David Bowie Albüm İncelemesi: Bir Rock Mitinin Yükselişi ve Düşüşü

Editör:
Gizem Yürük
spot_img

David Bowie, 20. yüzyılın en iyi modern sanatçılarından biri olarak değerlendirilir. Özellikle 70’ler, 90’lar ve 2010’larda yaptığı çalışmalarla öne çıkan Bowie‘yi tek bir kalıba sığdırmak zordur; sık sık değiştirdiği dış görünüşü ve rock, glam rock, pop rock, new wave, grunge gibi bir çok türe olan katkısı onu popüler müziğin ikonu haline getirmiştir.

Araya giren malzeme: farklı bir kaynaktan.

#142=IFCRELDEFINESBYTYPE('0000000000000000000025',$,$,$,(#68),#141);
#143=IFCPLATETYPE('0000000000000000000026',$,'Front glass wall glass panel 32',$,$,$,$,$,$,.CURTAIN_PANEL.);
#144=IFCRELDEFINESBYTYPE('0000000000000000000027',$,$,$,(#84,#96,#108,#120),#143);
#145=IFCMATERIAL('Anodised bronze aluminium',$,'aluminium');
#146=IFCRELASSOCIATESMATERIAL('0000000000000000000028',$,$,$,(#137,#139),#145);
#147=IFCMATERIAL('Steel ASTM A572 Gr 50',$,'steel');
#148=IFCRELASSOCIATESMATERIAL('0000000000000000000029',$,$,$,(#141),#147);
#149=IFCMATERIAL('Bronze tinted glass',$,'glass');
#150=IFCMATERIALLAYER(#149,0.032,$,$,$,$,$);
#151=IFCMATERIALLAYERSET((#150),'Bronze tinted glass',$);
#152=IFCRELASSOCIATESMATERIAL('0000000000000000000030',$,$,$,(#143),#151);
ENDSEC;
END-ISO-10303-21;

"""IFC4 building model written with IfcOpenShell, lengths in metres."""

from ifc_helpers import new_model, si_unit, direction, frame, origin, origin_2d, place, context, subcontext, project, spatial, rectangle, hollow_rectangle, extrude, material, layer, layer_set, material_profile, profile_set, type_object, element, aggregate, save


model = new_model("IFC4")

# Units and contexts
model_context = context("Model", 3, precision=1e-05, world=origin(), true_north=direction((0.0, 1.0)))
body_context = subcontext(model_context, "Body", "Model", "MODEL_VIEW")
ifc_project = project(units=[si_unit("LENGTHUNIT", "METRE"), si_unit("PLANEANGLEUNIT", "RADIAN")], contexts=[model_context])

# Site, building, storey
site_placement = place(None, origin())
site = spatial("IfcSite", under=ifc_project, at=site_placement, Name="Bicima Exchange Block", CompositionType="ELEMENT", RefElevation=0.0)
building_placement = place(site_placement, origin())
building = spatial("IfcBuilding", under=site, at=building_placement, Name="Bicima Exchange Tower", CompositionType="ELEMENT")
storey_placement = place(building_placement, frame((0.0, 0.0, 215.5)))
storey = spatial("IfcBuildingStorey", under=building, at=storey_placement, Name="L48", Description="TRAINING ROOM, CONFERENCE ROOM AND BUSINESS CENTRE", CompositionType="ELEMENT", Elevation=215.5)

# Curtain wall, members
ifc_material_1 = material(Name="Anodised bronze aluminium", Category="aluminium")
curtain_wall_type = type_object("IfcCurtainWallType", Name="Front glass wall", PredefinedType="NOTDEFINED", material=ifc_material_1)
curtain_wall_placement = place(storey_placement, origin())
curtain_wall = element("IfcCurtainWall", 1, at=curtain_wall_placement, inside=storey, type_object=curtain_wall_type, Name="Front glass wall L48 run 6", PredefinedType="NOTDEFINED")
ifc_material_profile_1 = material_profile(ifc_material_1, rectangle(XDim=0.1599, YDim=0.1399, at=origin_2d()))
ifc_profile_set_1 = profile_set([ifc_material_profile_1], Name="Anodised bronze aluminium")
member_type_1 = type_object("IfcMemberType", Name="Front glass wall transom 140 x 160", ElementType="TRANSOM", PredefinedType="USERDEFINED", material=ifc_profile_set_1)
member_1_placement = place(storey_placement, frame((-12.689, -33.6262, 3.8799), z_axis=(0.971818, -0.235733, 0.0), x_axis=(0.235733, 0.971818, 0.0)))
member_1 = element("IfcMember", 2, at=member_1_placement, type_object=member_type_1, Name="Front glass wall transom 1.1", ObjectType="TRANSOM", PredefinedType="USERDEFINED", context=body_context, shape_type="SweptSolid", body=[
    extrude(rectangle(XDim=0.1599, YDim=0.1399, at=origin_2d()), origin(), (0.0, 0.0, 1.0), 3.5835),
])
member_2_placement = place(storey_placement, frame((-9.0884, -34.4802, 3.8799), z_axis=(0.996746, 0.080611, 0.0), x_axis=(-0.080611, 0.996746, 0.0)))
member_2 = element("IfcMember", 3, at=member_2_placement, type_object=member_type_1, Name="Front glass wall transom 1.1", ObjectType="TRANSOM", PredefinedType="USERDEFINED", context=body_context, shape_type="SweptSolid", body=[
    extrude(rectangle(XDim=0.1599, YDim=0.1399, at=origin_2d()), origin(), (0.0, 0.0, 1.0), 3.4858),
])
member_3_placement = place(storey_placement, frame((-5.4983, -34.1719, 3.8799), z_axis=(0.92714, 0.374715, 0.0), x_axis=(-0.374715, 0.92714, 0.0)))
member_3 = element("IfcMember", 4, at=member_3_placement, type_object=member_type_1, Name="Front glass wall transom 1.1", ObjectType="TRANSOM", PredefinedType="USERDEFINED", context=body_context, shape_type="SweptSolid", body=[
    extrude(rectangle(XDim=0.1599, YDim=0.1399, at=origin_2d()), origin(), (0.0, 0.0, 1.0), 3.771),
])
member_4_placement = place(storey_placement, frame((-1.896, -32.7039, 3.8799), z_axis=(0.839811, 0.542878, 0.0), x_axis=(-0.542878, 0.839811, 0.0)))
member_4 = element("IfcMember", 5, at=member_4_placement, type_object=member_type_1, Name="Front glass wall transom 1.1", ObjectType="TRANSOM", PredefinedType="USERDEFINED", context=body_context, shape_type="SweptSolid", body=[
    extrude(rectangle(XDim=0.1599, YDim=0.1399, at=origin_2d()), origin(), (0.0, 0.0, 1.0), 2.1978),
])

“The Rise and Fall of Ziggy Stardust and the Spiders from Mars” albümü Bowie’nin belki de en yaratıcı ve kült döneminde ortaya çıkmıştır. Bu yazımızda sizlerle adeta bir kültürel miras niteliği taşıyan bu albümü inceleyeceğiz. Keyifli okumalar ve dinlemeler dileriz!

Ziggy Stardust ve Trajik Hikâyesi

Starman – David Bowie, pinterest.com

Kısaca “Ziggy Stardust” olarak anılan “The Rise and Fall of Ziggy Stardust and the Spiders from Mars” albümü 6 Haziran 1972’de yayınlandı. Albümün yapımcılarının (David Bowie ve Ken Scott) ilk amacı ortaya bir konsept albüm çıkarmak değildi. Hikayenin büyük bir kısmı albüm kayıtları tamamlandıktan sonra yeniden yazılan parçalarla birlikte son halini aldı ve ortaya Bowie‘nin en büyük eserlerinden biri çıktı.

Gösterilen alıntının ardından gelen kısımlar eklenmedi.